Die Tierärzte vor Ort haben zuerst einmal den ganzen Eiter aus seine Nasen-, Stirn- und Nebenhöhlen gewaschen, er wurde erneut mit Antibiotika behandelt und ein Zahn wurde ihm entfernt, der irgendwo im Kiefer sass. Im März war es dann soweit und endlich konnte ich ihn holen. Sein Zustand war etwas besser. Die Tierärzte sagten mir, dass sie alles getan haben, was sie konnten. Ich hatte da noch grosse Hoffnung, dass uns in der Schweiz geholfen werden kann. Leider ging in der Schweiz der Tierärztemarathon weiter und niemand konnte ihn mehr ganz gesund machen, der Oberkiefer konnte nicht mehr korrigiert werden. Ein Zahn wurde ihm noch gezogen, der beim Oberkiefer herausschaute, beim Ziehen kam dann auch etwas Kieferknochen mit. Damit war der Entzündungsherd gefunden und wir probierten es ohne Cortison und Antibiotika, der Eiter kam nicht mehr wieder. Jedoch putze ich ihm immer noch ab und zu die Nase, da in den Nasenlöchern viel Dreck stecken bleibt. Er atmet nach wie vor etwas laut und wenn es heiss ist, muss er etwas geschont werden.
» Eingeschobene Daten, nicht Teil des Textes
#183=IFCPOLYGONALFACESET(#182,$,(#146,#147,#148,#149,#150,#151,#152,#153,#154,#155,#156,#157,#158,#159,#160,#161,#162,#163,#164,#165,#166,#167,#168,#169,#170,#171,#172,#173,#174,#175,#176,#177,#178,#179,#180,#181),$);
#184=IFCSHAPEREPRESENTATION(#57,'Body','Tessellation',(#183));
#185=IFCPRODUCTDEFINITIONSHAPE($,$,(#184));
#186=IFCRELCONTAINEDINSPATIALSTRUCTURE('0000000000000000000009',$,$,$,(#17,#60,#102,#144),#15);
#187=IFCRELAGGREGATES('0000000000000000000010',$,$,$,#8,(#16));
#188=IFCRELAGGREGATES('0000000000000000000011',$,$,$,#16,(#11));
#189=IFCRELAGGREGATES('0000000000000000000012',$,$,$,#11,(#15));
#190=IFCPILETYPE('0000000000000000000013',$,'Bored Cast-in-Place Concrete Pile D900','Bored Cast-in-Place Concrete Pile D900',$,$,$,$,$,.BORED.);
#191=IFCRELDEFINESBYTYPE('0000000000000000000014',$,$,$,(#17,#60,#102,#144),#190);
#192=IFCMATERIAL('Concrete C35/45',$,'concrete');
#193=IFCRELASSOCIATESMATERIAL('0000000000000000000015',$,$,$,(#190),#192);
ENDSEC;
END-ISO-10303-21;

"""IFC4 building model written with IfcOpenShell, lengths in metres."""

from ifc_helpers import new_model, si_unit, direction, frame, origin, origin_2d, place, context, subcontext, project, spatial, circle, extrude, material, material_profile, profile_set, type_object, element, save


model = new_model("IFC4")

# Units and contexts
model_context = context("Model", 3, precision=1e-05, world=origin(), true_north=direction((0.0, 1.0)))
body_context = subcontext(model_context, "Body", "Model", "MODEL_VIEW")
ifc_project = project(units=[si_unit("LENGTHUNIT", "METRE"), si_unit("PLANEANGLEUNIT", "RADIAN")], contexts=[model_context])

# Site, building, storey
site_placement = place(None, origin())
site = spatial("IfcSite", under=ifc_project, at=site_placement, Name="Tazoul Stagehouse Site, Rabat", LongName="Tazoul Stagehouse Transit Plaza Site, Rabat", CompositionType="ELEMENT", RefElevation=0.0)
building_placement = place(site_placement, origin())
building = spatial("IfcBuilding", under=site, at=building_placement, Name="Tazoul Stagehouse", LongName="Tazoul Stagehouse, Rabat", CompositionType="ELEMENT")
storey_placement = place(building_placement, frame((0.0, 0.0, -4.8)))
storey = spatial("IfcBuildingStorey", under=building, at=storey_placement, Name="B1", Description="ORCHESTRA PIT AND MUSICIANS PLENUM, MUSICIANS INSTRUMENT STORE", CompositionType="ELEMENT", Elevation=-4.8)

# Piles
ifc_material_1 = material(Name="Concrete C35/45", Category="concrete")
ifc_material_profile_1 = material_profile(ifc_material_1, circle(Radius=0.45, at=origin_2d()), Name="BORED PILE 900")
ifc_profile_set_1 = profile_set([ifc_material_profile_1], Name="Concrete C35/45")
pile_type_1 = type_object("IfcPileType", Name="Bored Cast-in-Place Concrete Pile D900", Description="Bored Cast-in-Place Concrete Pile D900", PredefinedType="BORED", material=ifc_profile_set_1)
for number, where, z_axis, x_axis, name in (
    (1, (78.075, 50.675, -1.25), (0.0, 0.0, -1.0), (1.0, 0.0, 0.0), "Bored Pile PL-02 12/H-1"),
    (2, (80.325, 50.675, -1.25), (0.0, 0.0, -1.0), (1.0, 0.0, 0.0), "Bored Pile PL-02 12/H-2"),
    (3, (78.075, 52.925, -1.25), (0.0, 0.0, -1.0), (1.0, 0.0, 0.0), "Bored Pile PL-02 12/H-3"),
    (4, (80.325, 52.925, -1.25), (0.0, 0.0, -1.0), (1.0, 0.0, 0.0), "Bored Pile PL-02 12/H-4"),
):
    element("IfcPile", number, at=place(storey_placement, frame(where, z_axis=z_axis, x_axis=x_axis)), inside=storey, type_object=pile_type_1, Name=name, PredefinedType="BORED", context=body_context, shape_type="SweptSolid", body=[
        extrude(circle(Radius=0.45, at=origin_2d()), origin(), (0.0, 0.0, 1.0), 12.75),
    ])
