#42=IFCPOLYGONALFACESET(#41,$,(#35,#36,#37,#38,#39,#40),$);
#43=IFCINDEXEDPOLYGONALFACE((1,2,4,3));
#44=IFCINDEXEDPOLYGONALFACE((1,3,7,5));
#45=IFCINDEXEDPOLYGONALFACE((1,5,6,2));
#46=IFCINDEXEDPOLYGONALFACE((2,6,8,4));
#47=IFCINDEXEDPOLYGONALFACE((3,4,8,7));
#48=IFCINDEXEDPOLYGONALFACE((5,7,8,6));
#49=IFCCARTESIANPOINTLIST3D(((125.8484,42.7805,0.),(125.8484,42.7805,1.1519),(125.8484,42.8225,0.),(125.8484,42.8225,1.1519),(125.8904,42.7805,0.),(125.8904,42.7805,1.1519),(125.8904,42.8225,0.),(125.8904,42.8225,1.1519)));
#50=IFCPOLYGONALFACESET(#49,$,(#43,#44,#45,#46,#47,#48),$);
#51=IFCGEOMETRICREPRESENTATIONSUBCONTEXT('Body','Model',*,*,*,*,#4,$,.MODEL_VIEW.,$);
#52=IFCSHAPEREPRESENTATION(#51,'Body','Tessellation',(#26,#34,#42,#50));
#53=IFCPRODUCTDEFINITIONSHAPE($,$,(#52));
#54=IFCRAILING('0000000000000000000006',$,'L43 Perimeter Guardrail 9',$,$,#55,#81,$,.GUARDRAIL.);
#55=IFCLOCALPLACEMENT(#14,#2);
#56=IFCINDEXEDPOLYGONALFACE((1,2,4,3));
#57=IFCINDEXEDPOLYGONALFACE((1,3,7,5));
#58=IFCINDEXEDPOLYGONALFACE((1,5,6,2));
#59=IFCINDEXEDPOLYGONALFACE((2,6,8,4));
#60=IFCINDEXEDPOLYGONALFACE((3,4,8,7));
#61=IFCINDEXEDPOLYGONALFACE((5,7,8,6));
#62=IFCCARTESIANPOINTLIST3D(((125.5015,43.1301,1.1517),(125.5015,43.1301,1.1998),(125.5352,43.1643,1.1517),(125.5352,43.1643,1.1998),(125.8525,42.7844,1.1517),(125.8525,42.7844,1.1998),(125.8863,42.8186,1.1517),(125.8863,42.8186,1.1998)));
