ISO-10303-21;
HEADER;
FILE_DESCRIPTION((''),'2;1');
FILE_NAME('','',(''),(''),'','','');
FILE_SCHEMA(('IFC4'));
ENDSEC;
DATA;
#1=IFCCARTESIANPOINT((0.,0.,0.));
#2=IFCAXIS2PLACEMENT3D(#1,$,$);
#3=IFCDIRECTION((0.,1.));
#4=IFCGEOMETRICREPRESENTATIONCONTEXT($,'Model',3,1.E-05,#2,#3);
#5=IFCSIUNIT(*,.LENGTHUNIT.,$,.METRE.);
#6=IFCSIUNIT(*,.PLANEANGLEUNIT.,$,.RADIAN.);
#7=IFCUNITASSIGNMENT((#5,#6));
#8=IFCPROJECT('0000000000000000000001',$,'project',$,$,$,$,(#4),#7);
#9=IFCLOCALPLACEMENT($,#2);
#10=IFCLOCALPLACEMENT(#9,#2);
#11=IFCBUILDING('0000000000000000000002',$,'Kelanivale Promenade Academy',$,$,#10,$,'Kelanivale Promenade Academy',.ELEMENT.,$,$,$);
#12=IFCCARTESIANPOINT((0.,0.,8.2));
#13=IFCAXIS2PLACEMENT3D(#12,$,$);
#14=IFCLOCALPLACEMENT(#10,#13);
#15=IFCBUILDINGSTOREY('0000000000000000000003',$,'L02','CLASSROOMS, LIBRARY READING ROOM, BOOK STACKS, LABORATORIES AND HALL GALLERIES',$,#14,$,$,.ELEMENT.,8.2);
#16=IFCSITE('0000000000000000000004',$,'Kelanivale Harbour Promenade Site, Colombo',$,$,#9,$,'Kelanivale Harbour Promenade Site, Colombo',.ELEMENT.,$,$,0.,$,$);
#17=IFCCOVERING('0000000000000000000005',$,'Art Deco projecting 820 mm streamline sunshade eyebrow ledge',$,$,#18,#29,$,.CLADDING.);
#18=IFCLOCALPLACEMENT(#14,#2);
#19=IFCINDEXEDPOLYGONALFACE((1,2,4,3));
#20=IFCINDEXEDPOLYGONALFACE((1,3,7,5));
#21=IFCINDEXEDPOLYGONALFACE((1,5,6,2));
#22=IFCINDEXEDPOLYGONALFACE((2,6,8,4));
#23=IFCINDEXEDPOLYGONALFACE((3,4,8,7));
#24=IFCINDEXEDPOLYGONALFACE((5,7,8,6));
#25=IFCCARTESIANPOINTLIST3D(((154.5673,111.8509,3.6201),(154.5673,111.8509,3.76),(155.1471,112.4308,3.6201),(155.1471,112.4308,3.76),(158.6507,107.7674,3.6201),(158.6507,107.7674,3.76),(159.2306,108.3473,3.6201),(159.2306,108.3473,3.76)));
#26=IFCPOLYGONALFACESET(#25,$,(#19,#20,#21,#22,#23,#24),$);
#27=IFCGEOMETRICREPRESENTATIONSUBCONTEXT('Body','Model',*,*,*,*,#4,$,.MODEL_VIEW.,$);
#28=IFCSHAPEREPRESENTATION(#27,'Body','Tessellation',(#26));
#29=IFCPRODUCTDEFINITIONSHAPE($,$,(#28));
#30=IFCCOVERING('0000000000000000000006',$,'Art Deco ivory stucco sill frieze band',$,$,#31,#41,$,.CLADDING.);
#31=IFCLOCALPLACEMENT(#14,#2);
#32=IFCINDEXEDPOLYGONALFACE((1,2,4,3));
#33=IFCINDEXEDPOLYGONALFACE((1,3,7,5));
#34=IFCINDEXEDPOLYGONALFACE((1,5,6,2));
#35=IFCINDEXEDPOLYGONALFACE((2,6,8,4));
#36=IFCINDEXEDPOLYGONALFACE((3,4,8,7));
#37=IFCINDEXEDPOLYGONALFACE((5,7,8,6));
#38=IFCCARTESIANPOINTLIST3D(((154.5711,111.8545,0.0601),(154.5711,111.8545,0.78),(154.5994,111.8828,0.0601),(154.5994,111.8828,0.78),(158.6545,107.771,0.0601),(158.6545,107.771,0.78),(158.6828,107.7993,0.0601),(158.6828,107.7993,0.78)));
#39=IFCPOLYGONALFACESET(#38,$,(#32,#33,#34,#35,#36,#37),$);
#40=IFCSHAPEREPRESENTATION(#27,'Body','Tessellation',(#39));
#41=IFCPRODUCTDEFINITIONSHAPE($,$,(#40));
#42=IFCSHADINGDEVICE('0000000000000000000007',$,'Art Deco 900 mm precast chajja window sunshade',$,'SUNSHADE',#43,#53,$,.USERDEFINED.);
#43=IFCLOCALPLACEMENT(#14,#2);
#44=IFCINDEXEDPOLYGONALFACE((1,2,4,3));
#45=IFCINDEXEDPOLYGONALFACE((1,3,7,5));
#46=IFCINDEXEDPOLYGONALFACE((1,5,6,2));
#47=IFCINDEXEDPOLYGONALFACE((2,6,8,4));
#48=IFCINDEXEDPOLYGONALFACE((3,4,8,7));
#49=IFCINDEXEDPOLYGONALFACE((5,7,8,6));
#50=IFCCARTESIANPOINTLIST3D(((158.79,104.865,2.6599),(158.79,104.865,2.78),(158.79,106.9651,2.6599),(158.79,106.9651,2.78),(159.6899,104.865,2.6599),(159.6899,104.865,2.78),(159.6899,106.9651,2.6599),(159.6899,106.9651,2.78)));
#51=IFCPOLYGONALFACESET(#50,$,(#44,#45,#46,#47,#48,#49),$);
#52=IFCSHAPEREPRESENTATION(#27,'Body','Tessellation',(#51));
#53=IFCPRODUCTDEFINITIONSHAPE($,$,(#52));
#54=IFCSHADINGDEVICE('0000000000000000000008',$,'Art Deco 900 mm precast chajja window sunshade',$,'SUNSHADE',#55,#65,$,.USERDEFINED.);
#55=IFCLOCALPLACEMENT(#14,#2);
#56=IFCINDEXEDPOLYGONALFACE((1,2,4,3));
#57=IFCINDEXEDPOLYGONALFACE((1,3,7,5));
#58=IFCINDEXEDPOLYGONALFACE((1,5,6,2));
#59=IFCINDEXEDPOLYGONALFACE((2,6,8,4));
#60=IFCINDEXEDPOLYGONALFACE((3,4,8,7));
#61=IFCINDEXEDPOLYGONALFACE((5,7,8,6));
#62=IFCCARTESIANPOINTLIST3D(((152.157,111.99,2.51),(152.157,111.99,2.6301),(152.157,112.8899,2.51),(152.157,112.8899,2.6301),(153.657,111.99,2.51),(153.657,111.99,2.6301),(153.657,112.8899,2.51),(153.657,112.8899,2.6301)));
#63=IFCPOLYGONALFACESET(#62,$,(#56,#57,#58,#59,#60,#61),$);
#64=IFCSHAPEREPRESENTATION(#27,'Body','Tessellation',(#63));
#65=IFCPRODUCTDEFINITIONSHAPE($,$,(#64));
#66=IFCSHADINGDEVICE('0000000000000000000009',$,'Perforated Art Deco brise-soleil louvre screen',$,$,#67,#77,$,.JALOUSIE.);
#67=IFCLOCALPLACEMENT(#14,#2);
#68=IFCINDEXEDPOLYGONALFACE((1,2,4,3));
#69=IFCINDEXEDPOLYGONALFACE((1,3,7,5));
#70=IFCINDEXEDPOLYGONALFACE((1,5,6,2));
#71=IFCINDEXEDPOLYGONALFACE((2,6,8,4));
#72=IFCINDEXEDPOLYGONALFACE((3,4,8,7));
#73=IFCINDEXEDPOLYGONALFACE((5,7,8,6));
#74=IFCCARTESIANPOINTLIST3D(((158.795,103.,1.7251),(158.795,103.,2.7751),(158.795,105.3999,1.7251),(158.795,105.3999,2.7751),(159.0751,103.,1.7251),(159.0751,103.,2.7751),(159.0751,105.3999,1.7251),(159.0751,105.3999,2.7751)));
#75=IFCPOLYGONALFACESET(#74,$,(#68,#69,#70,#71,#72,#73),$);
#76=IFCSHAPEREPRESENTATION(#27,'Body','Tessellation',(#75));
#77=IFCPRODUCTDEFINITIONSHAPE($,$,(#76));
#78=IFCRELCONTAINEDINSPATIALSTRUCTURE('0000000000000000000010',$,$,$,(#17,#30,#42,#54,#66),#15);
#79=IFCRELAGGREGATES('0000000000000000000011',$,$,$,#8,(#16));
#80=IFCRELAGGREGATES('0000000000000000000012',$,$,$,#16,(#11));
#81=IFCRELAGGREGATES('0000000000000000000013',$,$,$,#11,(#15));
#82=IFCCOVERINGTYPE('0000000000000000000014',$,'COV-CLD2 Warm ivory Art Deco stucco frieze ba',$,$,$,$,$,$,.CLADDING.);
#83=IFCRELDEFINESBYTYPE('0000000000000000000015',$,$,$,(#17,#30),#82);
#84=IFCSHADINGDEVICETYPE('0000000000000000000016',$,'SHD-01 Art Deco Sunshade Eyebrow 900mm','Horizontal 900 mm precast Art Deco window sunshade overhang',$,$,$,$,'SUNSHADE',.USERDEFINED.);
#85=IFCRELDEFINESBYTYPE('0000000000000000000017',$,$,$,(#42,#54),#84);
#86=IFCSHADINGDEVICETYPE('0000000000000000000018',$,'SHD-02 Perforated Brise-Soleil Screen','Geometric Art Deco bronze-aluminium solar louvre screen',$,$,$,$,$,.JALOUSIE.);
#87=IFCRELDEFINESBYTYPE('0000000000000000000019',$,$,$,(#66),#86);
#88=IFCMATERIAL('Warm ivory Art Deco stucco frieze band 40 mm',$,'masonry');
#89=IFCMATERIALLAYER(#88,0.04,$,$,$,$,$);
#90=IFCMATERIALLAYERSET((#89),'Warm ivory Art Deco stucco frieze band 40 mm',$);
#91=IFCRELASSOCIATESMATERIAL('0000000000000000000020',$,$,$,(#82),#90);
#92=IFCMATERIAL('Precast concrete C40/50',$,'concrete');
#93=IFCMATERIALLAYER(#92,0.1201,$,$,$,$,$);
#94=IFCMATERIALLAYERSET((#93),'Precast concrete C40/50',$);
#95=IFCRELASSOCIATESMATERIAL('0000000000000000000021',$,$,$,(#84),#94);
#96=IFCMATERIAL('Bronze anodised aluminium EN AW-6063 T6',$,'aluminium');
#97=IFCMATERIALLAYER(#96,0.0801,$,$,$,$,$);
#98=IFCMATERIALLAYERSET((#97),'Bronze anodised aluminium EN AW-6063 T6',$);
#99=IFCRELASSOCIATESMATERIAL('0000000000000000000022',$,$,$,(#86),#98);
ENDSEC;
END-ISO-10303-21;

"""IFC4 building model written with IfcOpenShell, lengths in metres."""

from ifc_helpers import new_model, si_unit, direction, frame, origin, origin_2d, place, context, subcontext, project, spatial, rectangle, extrude, material, layer, layer_set, type_object, element, save


model = new_model("IFC4")

# Units and contexts
model_context = context("Model", 3, precision=1e-05, world=origin(), true_north=direction((0.0, 1.0)))
body_context = subcontext(model_context, "Body", "Model", "MODEL_VIEW")
ifc_project = project(units=[si_unit("LENGTHUNIT", "METRE"), si_unit("PLANEANGLEUNIT", "RADIAN")], contexts=[model_context])

# Site, building, storey
site_placement = place(None, origin())
site = spatial("IfcSite", under=ifc_project, at=site_placement, Name="Kelanivale Harbour Promenade Site, Colombo", LongName="Kelanivale Harbour Promenade Site, Colombo", CompositionType="ELEMENT", RefElevation=0.0)
building_placement = place(site_placement, origin())
building = spatial("IfcBuilding", under=site, at=building_placement, Name="Kelanivale Promenade Academy", LongName="Kelanivale Promenade Academy", CompositionType="ELEMENT")
storey_placement = place(building_placement, frame((0.0, 0.0, 8.2)))
storey = spatial("IfcBuildingStorey", under=building, at=storey_placement, Name="L02", Description="CLASSROOMS, LIBRARY READING ROOM, BOOK STACKS, LABORATORIES AND HALL GALLERIES", CompositionType="ELEMENT", Elevation=8.2)

# Coverings
ifc_material_1 = material(Name="Warm ivory Art Deco stucco frieze band 40 mm", Category="masonry")
ifc_layer_1 = layer(ifc_material_1, 0.04)
ifc_layer_set_1 = layer_set([ifc_layer_1], Name="Warm ivory Art Deco stucco frieze band 40 mm")
covering_type = type_object("IfcCoveringType", Name="COV-CLD2 Warm ivory Art Deco stucco frieze ba", PredefinedType="CLADDING", material=ifc_layer_set_1)
covering_1_placement = place(storey_placement, frame((156.8989, 110.0991, 3.6201), z_axis=(0.0, 0.0, 1.0), x_axis=(-0.707107, 0.707107, 0.0)))
element("IfcCovering", 1, at=covering_1_placement, inside=storey, type_object=covering_type, Name="Art Deco projecting 820 mm streamline sunshade eyebrow ledge", PredefinedType="CLADDING", context=body_context, shape_type="SweptSolid", body=[
    extrude(rectangle(XDim=5.7749, YDim=0.8201, at=origin_2d()), origin(), (0.0, 0.0, 1.0), 0.1399),
])
covering_2_placement = place(storey_placement, frame((156.627, 109.8269, 0.0601), z_axis=(0.0, 0.0, 1.0), x_axis=(-0.707107, 0.707107, 0.0)))
element("IfcCovering", 2, at=covering_2_placement, inside=storey, type_object=covering_type, Name="Art Deco ivory stucco sill frieze band", PredefinedType="CLADDING", context=body_context, shape_type="SweptSolid", body=[
    extrude(rectangle(XDim=5.7749, YDim=0.04, at=origin_2d()), origin(), (0.0, 0.0, 1.0), 0.72),
])

# Shading devices
ifc_material_2 = material(Name="Precast concrete C40/50", Category="concrete")
ifc_layer_2 = layer(ifc_material_2, 0.1201)
ifc_layer_set_2 = layer_set([ifc_layer_2], Name="Precast concrete C40/50")
shading_device_type_1 = type_object("IfcShadingDeviceType", Name="SHD-01 Art Deco Sunshade Eyebrow 900mm", Description="Horizontal 900 mm precast Art Deco window sunshade overhang", ElementType="SUNSHADE", PredefinedType="USERDEFINED", material=ifc_layer_set_2)
shading_device_1_placement = place(storey_placement, frame((159.24, 105.915, 2.6599), z_axis=(0.0, 0.0, 1.0), x_axis=(0.0, 1.0, 0.0)))
element("IfcShadingDevice", 3, at=shading_device_1_placement, inside=storey, type_object=shading_device_type_1, Name="Art Deco 900 mm precast chajja window sunshade", ObjectType="SUNSHADE", PredefinedType="USERDEFINED", context=body_context, shape_type="SweptSolid", body=[
    extrude(rectangle(XDim=2.1001, YDim=0.8999, at=origin_2d()), origin(), (0.0, 0.0, 1.0), 0.1201),
])
shading_device_2_placement = place(storey_placement, frame((152.907, 112.4399, 2.51), z_axis=(0.0, 0.0, 1.0), x_axis=(-1.0, 0.0, 0.0)))
element("IfcShadingDevice", 4, at=shading_device_2_placement, inside=storey, type_object=shading_device_type_1, Name="Art Deco 900 mm precast chajja window sunshade", ObjectType="SUNSHADE", PredefinedType="USERDEFINED", context=body_context, shape_type="SweptSolid", body=[
    extrude(rectangle(XDim=1.5, YDim=0.8999, at=origin_2d()), origin(), (0.0, 0.0, 1.0), 0.1201),
])
ifc_material_3 = material(Name="Bronze anodised aluminium EN AW-6063 T6", Category="aluminium")
ifc_layer_3 = layer(ifc_material_3, 0.0801)
ifc_layer_set_3 = layer_set([ifc_layer_3], Name="Bronze anodised aluminium EN AW-6063 T6")
shading_device_type_2 = type_object("IfcShadingDeviceType", Name="SHD-02 Perforated Brise-Soleil Screen", Description="Geometric Art Deco bronze-aluminium solar louvre screen", PredefinedType="JALOUSIE", material=ifc_layer_set_3)
shading_device_3_placement = place(storey_placement, frame((158.9351, 104.2, 1.7251), z_axis=(0.0, 0.0, 1.0), x_axis=(0.0, 1.0, 0.0)))
element("IfcShadingDevice", 5, at=shading_device_3_placement, inside=storey, type_object=shading_device_type_2, Name="Perforated Art Deco brise-soleil louvre screen", PredefinedType="JALOUSIE", context=body_context, shape_type="SweptSolid", body=[
    extrude(rectangle(XDim=2.3999, YDim=0.28, at=origin_2d()), origin(), (0.0, 0.0, 1.0), 1.05),
])

save(model, "model.ifc")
Aber er zeigte immer die pure Lebensfreude und er ist sehr hart im Nehmen: nach jeder OP war er bereits am gleichen Tag wieder am Herumtoben. Ich denke, wenn er wehleidig wäre, dann hätte er das Ganze nie überlebt.

 

Er bereichert unser Leben extrem und er ist einfach nur ein super Hund – jeder, der ihn kennenlernt liebt ihn. Er mag die Hundeschule, er liebt unsere blinden Katzen (für sie ist es natürlich perfekt, dass man ihn immer atmen hört, somit wissen sie immer wo er schläft und es gibt keinen ungewollten Zusammenstoss), er liebt Menschen und man kann ihn überall mitnehmen. Brono ist dann glücklich, wenn er unter Menschen ist und sich ganz nah an die Menschen kuscheln kann. Er braucht extrem viel Körperkontakt, diesen bekommt er von uns natürlich auch ausgiebig. Leider bleibt er unser Sorgenkind, denn er bekam im Januar 2016 dann auch noch Epianfälle. Jeder der einmal einen Hund hatte, der Epilepsie hat weiss, dass es eine wirklich schlimme Krankheit ist. Trotzdem denken wir positiv und haben die Hoffnung noch nicht aufgegeben, auch das noch in den Griff zu bekommen. Wir haben trotz der vielen Sorgen um ihn unsere Entscheidung noch nie bereut, wir hoffen, dass wir noch viele Jahre mit ihm gemeinsam durchs Leben gehen können.

 

Jedoch muss ich sagen, dass ich zum Glück, als ich ihn geholt habe, nicht wusste was noch alles auf uns zukommt. Vieles haben wir unterschätzt. Dachten wir zu Anfang, dass man in der Schweiz operieren kann und alles ist gut, wurde uns sehr bald klar, dass dies nicht der Fall sein wird. Was ich persönlich extrem unterschätzt habe ist, wie wir angestarrt werden, nur weil er etwas anders klingt als ein „normaler Hund“ und weil seine Zunge immer raus hängt. Oft müssen wir uns Sprüche wie „Oh der Hund hat heiss.“ anhören. Ich bin extrem froh, dass Brono dies nicht stört. Ich würde jedem empfehlen einem Hund aus dem Tierheim (aus der Schweiz oder aus dem Ausland) ein zu Hause zu schenken. Ja, auch wenn man den Hund nicht als Welpe hat, kann man ihn noch erziehen und ein super Team werden. Brono ist das lebende Beispiel dafür."